19 Mar 1995 - Preliminary Information
An enormous number of features have been added in the last four days. Forms support is nearly complete. A lot of testing found a number of small bugs in the forms code. A scheme to integrate SpHyDir forms and the IBM GOSERVE package as been created.
Minor changes, often requested by users:
In a FORM, the HTML PASSWORD entry field is now supported. A Password attribute can be assigned to the previous ENTRY field object.
The toolbar has a Pushbutton object. With no parameters, a Pushbutton is named SUBMIT and tranmits the form data. A Pushbutton can also be assigned a variable name and value that will be transmitted with the rest of the form data. The value sets the caption on the button.
HTML supports a HIDDEN object that contains data (a userid, transaction ID, or other handle). It is sent to the browser but is not displayed on the screen. It is added to any forms input. This allows the server programs to carry information from one transaction to the next. To support this without adding a new tool to the toolbar, SpHyDir has added a "hidden" attribute to the Pushbutton object.
A new Extended Attribute named "Variables" has now been added to each HTML file with FORMS. This EA identifies the location of any data in the HTML file that is associated with a variable name associated with a FORMS object. For example, if a Text Entry Field is associated with the variable name PHONENUM, there will be an entry in the Variables EA indicating the type of field (ENTRY), the variable name (PHONENUM), and the location in the HTML file where a previous phone number value might be inserted. The field would be generated as:
<INPUT TYPE="TEXT" NAME="PHONENUM" VALUE="">
and the EA would have the byte offset in the file of the first double quote following VALUE.
This form is perfectly valid as a static HTML file. Transmitted as is, the phone number field would appear empty. However, if the form is sent out from the server by a forms processing program that uses SpHyDir "helper routines", and if the PHONENUM variable is also defined in the sending program, then the current value of the variable will be inserted into the field. For example, if a Rexx program had
PHONENUM="203-555-1234" and sent the form out with a helper program, then the resulting HTML after the insertion would be:
<INPUT TYPE="TEXT" NAME="PHONENUM" VALUE="203-555-1234">
Rexx is a particularly nice language for this purpose because the user program doesn't have to specially identify the variables used in the Form. The helper routine can query the EA, then check the Rexx symbol table for each variable name found in the form to see if there is an existing Rexx variable of the same name. To play the same trick with other langauges, such as C, the processing program first has to pass the variable and name to the interface routine as in:
SpHyDir_define("PHONENUM",&phonenum);
The content of a FORM structure will not be generated in the IPF file. IPF files also do not receive normal text (annotations) after the first Subdocument has been processed. In HTML, a subdocument is a Link to another file. In IPF a subdocument imbeds the other file at the point where the subdocument appears, so it is unnecessary and impossible to describe after that point what the subdocument contains.

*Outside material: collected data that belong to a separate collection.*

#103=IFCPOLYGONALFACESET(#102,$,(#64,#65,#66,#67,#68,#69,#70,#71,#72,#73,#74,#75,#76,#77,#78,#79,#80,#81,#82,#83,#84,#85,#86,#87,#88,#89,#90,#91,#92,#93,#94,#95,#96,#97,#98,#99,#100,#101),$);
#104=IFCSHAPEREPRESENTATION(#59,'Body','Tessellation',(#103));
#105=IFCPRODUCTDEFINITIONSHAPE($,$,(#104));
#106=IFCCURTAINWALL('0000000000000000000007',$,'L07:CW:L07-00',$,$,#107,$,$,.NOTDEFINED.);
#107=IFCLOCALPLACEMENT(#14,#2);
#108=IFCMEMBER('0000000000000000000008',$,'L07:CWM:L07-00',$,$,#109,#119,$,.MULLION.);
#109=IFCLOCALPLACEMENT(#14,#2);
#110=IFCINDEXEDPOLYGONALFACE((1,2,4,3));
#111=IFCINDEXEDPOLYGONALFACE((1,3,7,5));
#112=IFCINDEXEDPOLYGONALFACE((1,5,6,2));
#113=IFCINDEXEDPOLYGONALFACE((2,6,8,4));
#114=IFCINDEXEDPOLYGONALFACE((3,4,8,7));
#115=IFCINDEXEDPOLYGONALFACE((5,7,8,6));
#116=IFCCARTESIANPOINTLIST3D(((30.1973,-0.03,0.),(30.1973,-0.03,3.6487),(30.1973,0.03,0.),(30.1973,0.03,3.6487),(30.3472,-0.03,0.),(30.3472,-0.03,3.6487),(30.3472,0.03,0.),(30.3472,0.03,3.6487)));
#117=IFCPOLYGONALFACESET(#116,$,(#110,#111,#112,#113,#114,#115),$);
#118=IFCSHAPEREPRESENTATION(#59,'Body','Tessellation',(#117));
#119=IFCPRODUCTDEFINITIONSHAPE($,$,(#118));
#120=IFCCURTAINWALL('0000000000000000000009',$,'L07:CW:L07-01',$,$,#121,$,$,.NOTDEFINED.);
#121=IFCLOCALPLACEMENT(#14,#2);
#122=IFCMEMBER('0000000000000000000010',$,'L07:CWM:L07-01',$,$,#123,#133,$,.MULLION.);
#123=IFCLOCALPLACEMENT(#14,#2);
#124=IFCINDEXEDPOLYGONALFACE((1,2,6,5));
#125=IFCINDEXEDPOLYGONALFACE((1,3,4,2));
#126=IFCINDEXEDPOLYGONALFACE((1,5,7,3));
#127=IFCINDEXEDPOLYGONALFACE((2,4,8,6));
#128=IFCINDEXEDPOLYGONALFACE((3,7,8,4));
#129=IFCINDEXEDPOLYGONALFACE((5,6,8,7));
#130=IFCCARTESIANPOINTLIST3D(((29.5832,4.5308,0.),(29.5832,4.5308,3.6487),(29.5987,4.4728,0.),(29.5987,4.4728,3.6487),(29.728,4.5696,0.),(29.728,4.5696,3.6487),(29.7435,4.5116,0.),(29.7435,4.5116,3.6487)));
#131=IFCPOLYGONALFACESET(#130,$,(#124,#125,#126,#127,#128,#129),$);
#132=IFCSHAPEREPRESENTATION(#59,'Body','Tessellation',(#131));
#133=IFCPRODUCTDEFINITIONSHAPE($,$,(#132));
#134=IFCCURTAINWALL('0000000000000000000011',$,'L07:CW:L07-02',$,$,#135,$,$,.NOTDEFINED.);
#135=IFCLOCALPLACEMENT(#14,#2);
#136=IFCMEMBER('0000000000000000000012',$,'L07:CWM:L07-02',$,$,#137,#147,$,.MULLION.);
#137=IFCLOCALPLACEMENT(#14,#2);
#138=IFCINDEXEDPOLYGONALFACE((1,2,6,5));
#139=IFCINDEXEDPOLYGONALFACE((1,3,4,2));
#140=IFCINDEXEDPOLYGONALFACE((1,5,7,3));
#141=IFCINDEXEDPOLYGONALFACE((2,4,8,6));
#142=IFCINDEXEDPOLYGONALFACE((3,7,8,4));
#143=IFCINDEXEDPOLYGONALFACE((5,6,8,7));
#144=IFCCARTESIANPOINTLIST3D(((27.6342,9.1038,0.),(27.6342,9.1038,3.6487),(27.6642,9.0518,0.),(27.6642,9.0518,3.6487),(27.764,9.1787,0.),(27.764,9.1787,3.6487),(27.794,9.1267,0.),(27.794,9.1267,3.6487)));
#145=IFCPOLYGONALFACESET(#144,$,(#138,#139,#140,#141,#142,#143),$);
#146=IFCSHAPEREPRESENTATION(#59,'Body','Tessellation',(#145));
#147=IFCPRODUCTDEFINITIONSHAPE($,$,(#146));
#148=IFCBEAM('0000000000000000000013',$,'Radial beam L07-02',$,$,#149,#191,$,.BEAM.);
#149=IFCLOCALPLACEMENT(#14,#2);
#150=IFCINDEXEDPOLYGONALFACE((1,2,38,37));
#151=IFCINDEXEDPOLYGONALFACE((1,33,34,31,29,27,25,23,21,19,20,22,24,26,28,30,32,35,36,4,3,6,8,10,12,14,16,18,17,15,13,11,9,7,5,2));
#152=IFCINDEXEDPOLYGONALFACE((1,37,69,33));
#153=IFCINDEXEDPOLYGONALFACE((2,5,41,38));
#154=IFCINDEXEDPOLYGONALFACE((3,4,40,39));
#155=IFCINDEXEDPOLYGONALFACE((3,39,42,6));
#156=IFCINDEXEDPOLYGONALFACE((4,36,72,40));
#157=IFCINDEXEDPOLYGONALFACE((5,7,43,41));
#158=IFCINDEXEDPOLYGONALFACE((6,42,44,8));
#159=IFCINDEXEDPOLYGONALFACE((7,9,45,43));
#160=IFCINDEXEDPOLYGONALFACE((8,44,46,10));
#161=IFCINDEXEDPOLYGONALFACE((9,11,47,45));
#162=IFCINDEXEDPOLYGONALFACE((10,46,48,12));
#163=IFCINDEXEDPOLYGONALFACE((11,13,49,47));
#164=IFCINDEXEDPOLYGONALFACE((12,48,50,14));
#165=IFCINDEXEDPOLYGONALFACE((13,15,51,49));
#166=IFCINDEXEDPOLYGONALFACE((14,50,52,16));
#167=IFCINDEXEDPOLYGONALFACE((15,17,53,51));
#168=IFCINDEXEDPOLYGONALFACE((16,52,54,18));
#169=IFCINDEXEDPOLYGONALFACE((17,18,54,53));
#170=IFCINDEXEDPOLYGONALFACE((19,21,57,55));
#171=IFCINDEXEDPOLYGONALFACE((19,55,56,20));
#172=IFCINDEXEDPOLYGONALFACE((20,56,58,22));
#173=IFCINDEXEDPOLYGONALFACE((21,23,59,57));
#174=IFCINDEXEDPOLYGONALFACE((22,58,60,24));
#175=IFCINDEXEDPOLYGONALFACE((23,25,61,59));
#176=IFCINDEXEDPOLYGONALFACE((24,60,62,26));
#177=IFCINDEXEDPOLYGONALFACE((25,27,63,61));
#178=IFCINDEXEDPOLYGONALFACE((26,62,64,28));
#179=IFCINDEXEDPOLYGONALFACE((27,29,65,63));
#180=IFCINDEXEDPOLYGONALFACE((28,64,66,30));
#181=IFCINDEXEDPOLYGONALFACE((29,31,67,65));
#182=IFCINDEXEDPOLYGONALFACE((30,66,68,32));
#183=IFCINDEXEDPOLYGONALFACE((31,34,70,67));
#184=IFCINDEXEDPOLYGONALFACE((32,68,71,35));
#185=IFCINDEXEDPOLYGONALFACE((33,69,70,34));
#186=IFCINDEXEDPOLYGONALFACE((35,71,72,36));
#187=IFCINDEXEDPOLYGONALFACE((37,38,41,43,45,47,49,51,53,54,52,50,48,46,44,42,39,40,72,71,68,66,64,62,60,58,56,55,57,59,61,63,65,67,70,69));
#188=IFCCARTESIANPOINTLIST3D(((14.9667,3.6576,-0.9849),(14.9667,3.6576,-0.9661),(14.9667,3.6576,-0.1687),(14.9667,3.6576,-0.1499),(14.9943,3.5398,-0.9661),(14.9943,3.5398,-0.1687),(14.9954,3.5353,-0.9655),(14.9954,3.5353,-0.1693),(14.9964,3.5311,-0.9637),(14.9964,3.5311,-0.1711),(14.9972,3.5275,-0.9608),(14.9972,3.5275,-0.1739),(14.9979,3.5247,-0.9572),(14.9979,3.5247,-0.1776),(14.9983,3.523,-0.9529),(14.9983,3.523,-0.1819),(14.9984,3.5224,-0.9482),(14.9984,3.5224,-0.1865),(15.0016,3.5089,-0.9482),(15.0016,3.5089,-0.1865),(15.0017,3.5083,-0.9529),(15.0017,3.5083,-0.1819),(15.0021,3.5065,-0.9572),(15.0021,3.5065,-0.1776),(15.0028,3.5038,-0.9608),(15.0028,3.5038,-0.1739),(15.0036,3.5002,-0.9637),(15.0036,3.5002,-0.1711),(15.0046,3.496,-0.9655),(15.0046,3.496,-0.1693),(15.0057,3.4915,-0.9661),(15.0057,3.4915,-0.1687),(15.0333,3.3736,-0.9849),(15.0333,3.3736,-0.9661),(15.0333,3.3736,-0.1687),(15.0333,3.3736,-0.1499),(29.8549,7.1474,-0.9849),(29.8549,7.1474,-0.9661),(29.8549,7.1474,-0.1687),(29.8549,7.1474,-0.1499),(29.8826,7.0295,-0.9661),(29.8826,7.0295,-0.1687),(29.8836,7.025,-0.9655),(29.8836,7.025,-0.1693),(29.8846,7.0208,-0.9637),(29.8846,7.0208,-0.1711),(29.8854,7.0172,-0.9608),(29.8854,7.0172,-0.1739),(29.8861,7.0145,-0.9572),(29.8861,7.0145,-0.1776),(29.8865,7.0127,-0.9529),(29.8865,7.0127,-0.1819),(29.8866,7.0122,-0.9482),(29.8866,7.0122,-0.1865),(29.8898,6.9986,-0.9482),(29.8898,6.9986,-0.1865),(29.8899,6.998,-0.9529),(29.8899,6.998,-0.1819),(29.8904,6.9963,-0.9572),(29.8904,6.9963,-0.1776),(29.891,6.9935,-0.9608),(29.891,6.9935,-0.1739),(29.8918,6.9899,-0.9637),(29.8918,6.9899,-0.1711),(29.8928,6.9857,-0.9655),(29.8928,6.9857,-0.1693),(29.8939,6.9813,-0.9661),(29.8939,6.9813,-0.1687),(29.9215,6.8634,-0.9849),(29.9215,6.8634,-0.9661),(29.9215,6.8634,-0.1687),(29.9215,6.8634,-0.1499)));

IPF output is now completely supressed within a FORM. Ordinary text objects are also now supressed in the IPF file after the first SUBDOC has been processed. This was necessary to allow Subdocument links to be commented in HTML (where the links jump to separate files) but to have those comments omitted in IPF (where subdocuments are logically imbedded at the point of the reference). Look at the handling of Subdocuments on then Entry page of the SpHyDir documentation for an example.
SpHyDir now generates HEIGHT and WIDTH tags for Image objects. Netscape supports them and is much faster when they are present. HTML 3.0 also includes them in the standard. Other browsers will ignore them. SpHyDir ignores these attributes when reading HTML in, but when it goes to generate the IMG tag it opens the GIF file and reads the image size from the header. If the size of an image changes, the HTML can be updated by reading and rewriting any pages that reference the image.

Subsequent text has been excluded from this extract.